Maurer jedenfalls hat Lust, zu erklären. Er macht es mit Enthusiasmus. „Mein Vater hat mir nach dem Studium einmal den Rat gegeben, mich in einen Teilbereich der Rechtswissenschaft zu vertiefen, diesem Rat bin ich gefolgt“, sagt er. Ewald Maurer, geboren im Mai 1940, ist Sohn eines Anwalts. Weil seine Mutter ihren Mann regelmäßig auf lange Dienstreisen begleitete, verbrachte der junge Ewald viel Zeit bei einer Pflegemutter. „Von ihr habe ich gelernt, was Empathie ist“, sagt er, räumt allerdings auch ein, ein sehr impulsives Kind gewesen zu sein. Im Gymnasium war er Vorzugsschüler, aber vor allem eine Sportskanone. Turnen, Leichtathletik, Fußball, sogar Boxen waren seine großen Leidenschaften. „Mit 30 einarmigen Liegestützen konnte ich die meisten beeindrucken“, lacht der quirlige 77-jährige, der auch heute noch jeden Tag drei Stunden seiner körperlichen Ertüchtigung widmet. Jeden Tag fährt er am Neusiedlersee sieben Kilometer mit den Inline-Skates, dann schwimmt er, erst dann setzt er sich zum Schreiben an den Schreibtisch. Neben seiner Tätigkeit als Autor für MANZ ist er als Gutachter tätig.

Das Schreiben hat sich aus seiner beruflichen Richtertätigkeit entwickelt. Mit seiner Berufswahl folgte er übrigens einer langen juristischen Familientradition. Warum er nicht Anwalt wurde? „Weil die freie Dienstzeiteinteilung und die Tatsache, keinen Chef zu haben, meinem Naturell entsprechen.“ Er erkannte schnell, dass sich viele seiner Causen als Familienrichter im Außerstreitverfahren besser schlichten lassen, zusammen mit zwei Kollegen gründete er die Fachgruppe Außerstreit- und Familienrecht – zudem engagierte er sich in der Weiterbildung junger Richter. Vor allem erkannte er auch, dass Recht nicht selten auch eine Frage der finanziellen Mittel ist. Ausgestattet mit einer ausgeprägten sozialen Ader half und hilft er bis heute finanziell benachteiligten Menschen. „Heute sind es manchmal die Leser meiner Bücher, die mich kontaktieren“, erzählt er.

Obwohl seit etlichen Jahren in Pension, ist er vielbeschäftigt. Weil der Computer „sein großer Feind“ ist, steht ihm in technischen Belangen seine Frau zur Seite.

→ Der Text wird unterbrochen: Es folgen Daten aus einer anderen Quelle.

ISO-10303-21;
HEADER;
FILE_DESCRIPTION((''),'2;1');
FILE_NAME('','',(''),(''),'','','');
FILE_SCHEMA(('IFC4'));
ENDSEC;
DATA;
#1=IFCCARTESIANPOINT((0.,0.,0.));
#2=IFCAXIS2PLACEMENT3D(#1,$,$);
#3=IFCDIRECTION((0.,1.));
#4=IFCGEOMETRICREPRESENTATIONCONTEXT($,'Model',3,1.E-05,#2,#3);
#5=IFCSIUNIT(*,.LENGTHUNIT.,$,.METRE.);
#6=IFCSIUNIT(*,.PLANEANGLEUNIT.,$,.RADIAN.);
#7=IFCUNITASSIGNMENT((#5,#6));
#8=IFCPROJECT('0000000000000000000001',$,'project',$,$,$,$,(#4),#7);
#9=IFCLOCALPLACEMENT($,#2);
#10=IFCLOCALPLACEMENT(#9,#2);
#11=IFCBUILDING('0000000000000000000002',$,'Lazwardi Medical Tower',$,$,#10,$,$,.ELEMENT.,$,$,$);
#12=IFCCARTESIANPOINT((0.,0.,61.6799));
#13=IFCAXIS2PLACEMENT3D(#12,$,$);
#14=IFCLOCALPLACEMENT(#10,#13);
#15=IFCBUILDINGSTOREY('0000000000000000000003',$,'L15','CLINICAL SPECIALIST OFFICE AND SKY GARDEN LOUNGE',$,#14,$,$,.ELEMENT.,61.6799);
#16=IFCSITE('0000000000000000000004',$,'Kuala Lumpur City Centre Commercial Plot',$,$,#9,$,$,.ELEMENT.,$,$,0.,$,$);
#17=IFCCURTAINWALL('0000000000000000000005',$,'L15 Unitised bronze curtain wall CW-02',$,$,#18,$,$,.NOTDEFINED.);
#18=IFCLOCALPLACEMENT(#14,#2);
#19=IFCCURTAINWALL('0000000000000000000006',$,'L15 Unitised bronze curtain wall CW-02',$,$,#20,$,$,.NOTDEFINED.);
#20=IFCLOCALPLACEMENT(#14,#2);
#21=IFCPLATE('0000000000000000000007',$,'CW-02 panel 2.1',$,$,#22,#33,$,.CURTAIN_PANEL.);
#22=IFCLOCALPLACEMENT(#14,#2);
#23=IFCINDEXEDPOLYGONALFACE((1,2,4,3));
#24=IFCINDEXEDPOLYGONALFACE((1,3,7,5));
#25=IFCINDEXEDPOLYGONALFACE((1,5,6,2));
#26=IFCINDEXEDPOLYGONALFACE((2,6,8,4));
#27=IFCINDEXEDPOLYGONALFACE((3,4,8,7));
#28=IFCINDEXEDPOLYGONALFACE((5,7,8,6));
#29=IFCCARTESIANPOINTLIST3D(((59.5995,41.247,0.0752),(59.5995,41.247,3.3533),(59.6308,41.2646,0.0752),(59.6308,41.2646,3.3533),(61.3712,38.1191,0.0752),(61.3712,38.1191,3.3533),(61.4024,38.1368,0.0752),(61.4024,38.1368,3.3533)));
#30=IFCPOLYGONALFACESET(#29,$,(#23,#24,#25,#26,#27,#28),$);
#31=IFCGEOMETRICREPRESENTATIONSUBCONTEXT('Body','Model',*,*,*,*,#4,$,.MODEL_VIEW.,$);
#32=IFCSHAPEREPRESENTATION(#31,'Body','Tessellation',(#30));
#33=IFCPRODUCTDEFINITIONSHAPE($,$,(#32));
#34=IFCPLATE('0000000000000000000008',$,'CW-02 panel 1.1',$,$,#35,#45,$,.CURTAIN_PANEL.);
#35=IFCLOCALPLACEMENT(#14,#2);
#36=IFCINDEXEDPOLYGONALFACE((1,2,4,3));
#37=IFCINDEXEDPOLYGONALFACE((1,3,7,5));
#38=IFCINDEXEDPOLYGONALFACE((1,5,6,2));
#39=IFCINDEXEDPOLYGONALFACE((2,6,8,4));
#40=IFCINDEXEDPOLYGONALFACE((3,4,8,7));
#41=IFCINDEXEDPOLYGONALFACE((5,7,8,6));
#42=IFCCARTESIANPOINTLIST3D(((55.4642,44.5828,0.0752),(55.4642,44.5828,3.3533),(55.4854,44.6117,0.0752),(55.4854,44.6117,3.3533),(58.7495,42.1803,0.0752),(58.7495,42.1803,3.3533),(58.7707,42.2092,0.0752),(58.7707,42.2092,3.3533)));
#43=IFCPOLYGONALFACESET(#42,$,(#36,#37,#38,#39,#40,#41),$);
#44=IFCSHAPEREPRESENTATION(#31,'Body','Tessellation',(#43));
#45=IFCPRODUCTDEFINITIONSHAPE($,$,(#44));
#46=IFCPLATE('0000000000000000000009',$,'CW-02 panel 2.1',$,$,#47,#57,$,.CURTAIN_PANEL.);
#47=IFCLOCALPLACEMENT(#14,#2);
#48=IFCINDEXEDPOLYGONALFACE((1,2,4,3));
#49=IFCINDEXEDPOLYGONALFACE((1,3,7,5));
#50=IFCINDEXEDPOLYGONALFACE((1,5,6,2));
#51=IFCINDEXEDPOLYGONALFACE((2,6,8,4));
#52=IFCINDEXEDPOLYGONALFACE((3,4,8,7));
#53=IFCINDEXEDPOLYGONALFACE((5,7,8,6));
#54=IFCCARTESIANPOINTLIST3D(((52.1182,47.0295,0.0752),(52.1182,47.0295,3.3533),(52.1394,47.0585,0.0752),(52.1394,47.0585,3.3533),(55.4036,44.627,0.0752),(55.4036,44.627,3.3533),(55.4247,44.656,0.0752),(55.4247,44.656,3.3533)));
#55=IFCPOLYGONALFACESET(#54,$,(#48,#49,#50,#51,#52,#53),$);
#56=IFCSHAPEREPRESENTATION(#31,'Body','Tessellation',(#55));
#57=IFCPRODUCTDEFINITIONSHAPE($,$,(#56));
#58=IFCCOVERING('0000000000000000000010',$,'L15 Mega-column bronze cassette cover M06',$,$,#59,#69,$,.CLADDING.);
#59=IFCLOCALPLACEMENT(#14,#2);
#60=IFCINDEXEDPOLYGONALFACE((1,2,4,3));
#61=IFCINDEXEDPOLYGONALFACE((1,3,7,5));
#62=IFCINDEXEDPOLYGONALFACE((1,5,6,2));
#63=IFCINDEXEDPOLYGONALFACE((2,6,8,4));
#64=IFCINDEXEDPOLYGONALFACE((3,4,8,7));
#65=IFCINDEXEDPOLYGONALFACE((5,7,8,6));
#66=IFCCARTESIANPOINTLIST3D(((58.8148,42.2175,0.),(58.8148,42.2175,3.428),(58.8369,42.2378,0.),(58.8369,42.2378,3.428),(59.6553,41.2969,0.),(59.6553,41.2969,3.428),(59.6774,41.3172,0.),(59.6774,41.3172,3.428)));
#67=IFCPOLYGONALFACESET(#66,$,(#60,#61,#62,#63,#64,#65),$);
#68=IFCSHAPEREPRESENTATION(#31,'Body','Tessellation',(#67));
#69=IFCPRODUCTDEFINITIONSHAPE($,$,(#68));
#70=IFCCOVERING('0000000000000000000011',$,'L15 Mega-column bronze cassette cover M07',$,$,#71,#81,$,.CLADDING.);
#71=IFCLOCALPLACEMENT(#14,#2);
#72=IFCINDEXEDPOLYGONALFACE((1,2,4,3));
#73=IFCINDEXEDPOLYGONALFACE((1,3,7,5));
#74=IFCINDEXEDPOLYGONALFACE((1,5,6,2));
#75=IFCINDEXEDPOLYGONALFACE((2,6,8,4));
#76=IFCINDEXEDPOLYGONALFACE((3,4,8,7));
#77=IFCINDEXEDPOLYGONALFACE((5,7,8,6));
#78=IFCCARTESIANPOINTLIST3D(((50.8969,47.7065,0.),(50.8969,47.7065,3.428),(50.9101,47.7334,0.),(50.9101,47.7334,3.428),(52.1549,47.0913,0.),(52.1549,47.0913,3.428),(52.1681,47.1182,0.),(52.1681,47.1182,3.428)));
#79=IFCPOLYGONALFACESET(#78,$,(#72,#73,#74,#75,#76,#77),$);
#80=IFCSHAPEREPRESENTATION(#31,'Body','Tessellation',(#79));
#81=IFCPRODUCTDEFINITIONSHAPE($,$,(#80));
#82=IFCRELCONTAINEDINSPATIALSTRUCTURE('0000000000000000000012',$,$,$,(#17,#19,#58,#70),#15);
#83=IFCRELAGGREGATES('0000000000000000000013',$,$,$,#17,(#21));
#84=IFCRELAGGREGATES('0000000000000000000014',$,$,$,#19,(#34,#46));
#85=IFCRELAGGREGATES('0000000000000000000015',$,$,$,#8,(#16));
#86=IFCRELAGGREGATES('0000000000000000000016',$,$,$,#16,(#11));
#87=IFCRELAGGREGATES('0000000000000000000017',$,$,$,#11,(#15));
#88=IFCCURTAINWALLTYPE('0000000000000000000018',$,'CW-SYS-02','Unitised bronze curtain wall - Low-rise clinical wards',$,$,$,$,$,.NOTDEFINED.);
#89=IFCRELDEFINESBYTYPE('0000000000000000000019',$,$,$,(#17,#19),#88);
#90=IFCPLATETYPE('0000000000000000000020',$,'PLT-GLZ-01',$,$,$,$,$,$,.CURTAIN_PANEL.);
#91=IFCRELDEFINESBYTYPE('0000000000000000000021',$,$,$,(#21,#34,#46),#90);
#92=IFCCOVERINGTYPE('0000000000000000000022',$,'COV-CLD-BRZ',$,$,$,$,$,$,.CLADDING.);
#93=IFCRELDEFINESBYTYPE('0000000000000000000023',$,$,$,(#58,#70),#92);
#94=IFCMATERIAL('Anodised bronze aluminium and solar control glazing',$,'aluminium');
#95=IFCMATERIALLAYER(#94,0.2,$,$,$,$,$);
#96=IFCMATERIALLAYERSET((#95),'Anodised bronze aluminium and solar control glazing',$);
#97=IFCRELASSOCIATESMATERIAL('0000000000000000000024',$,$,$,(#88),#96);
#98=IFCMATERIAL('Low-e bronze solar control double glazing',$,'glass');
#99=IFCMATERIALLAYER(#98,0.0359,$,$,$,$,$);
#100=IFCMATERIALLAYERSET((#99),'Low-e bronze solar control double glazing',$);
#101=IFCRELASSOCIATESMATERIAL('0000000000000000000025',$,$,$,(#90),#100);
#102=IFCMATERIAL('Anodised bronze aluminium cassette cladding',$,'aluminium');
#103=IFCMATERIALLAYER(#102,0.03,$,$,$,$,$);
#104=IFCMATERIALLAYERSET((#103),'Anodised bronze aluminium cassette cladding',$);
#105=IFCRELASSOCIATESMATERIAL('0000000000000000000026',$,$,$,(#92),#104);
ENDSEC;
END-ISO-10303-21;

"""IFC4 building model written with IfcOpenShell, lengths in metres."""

from ifc_helpers import new_model, si_unit, direction, frame, origin, origin_2d, place, context, subcontext, project, spatial, rectangle, extrude, material, layer, layer_set, type_object, element, aggregate, save


model = new_model("IFC4")

# Units and contexts
model_context = context("Model", 3, precision=1e-05, world=origin(), true_north=direction((0.0, 1.0)))
body_context = subcontext(model_context, "Body", "Model", "MODEL_VIEW")
ifc_project = project(units=[si_unit("LENGTHUNIT", "METRE"), si_unit("PLANEANGLEUNIT", "RADIAN")], contexts=[model_context])

# Site, building, storey
site_placement = place(None, origin())
site = spatial("IfcSite", under=ifc_project, at=site_placement, Name="Kuala Lumpur City Centre Commercial Plot", CompositionType="ELEMENT", RefElevation=0.0)
building_placement = place(site_placement, origin())
building = spatial("IfcBuilding", under=site, at=building_placement, Name="Lazwardi Medical Tower", CompositionType="ELEMENT")
storey_placement = place(building_placement, frame((0.0, 0.0, 61.6799)))
storey = spatial("IfcBuildingStorey", under=building, at=storey_placement, Name="L15", Description="CLINICAL SPECIALIST OFFICE AND SKY GARDEN LOUNGE", CompositionType="ELEMENT", Elevation=61.6799)

# Curtain wall
ifc_material_1 = material(Name="Anodised bronze aluminium and solar control glazing", Category="aluminium")
ifc_layer_1 = layer(ifc_material_1, 0.2)
ifc_layer_set_1 = layer_set([ifc_layer_1], Name="Anodised bronze aluminium and solar control glazing")
curtain_wall_type = type_object("IfcCurtainWallType", Name="CW-SYS-02", Description="Unitised bronze curtain wall - Low-rise clinical wards", PredefinedType="NOTDEFINED", material=ifc_layer_set_1)
curtain_wall_1_placement = place(storey_placement, origin())
curtain_wall_1 = element("IfcCurtainWall", 1, at=curtain_wall_1_placement, inside=storey, type_object=curtain_wall_type, Name="L15 Unitised bronze curtain wall CW-02", PredefinedType="NOTDEFINED")

# Curtain wall
curtain_wall_2_placement = place(storey_placement, origin())
curtain_wall_2 = element("IfcCurtainWall", 2, at=curtain_wall_2_placement, inside=storey, type_object=curtain_wall_type, Name="L15 Unitised bronze curtain wall CW-02", PredefinedType="NOTDEFINED")

# Plates
ifc_material_2 = material(Name="Low-e bronze solar control double glazing", Category="glass")
ifc_layer_2 = layer(ifc_material_2, 0.0359)
ifc_layer_set_2 = layer_set([ifc_layer_2], Name="Low-e bronze solar control double glazing")
plate_type = type_object("IfcPlateType", Name="PLT-GLZ-01", PredefinedType="CURTAIN_PANEL", material=ifc_layer_set_2)
plate_1_placement = place(storey_placement, frame((60.501, 39.6919, 0.0752), z_axis=(0.0, 0.0, 1.0), x_axis=(-0.492854, 0.870112, 0.0)))
plate_1 = element("IfcPlate", 3, at=plate_1_placement, type_object=plate_type, Name="CW-02 panel 2.1", PredefinedType="CURTAIN_PANEL", context=body_context, shape_type="SweptSolid", body=[
    extrude(rectangle(XDim=3.5947, YDim=0.0359, at=origin_2d()), origin(), (0.0, 0.0, 1.0), 3.2781),
])
aggregate(curtain_wall_1, [plate_1])
plate_2_placement = place(storey_placement, frame((57.1174, 43.396, 0.0752), z_axis=(0.0, 0.0, 1.0), x_axis=(-0.807192, 0.590289, 0.0)))
plate_2 = element("IfcPlate", 4, at=plate_2_placement, type_object=plate_type, Name="CW-02 panel 1.1", PredefinedType="CURTAIN_PANEL", context=body_context, shape_type="SweptSolid", body=[
    extrude(rectangle(XDim=4.0701, YDim=0.0359, at=origin_2d()), origin(), (0.0, 0.0, 1.0), 3.2781),
])
plate_3_placement = place(storey_placement, frame((53.7715, 45.8428, 0.0752), z_axis=(0.0, 0.0, 1.0), x_axis=(-0.807192, 0.590289, 0.0)))
plate_3 = element("IfcPlate", 5, at=plate_3_placement, type_object=plate_type, Name="CW-02 panel 2.1", PredefinedType="CURTAIN_PANEL", context=body_context, shape_type="SweptSolid", body=[
    extrude(rectangle(XDim=4.0701, YDim=0.0359, at=origin_2d()), origin(), (0.0, 0.0, 1.0), 3.2781),
])
aggregate(curtain_wall_2, [plate_2, plate_3])

# Coverings
ifc_material_3 = material(Name="Anodised bronze aluminium cassette cladding", Category="aluminium")
ifc_layer_3 = layer(ifc_material_3, 0.03)
ifc_layer_set_3 = layer_set([ifc_layer_3], Name="Anodised bronze aluminium cassette cladding")
covering_type = type_object("IfcCoveringType", Name="COV-CLD-BRZ", PredefinedType="CLADDING", material=ifc_layer_set_3)
covering_1_placement = place(storey_placement, frame((59.2461, 41.7673, 0.0), z_axis=(0.0, 0.0, 1.0), x_axis=(-0.674252, 0.738501, 0.0)))
element("IfcCovering", 6, at=covering_1_placement, inside=storey, type_object=covering_type, Name="L15 Mega-column bronze cassette cover M06", PredefinedType="CLADDING", context=body_context, shape_type="SweptSolid", body=[
    extrude(rectangle(XDim=1.2466, YDim=0.03, at=origin_2d()), origin(), (0.0, 0.0, 1.0), 3.428),
])
covering_2_placement = place(storey_placement, frame((51.5325, 47.4124, 0.0), z_axis=(0.0, 0.0, 1.0), x_axis=(-0.898334, 0.439312, 0.0)))
element("IfcCovering", 7, at=covering_2_placement, inside=storey, type_object=covering_type, Name="L15 Mega-column bronze cassette cover M07", PredefinedType="CLADDING", context=body_context, shape_type="SweptSolid", body=[
    extrude(rectangle(XDim=1.4004, YDim=0.03, at=origin_2d()), origin(), (0.0, 0.0, 1.0), 3.428),
])

save(model, "model.ifc")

Mit ihr ist er seit 50 Jahren glücklich verheiratet. Er hat die gebürtige Deutsche als Reiseführer (einer seiner Nebenjobs in jungen Jahren) am Strand von Nizza kennengelernt. „Sie wollte mich“, lacht er. Reisen, besonders Schiffsreisen, sind bis heute seine Leidenschaft. Und außerdem ist noch kein Winter vergangen, den Maurer nicht beim Schifahren auf der Turracherhöhe verbrachte. „Ich habe ein sehr schönes Leben“, resümiert er. Wenn er ganz glücklich ist, fährt er mit dem Boot auf dem Neusiedlersee und spielt Mundharmonika, „eine gewisse Romantik habe ich nämlich auch“.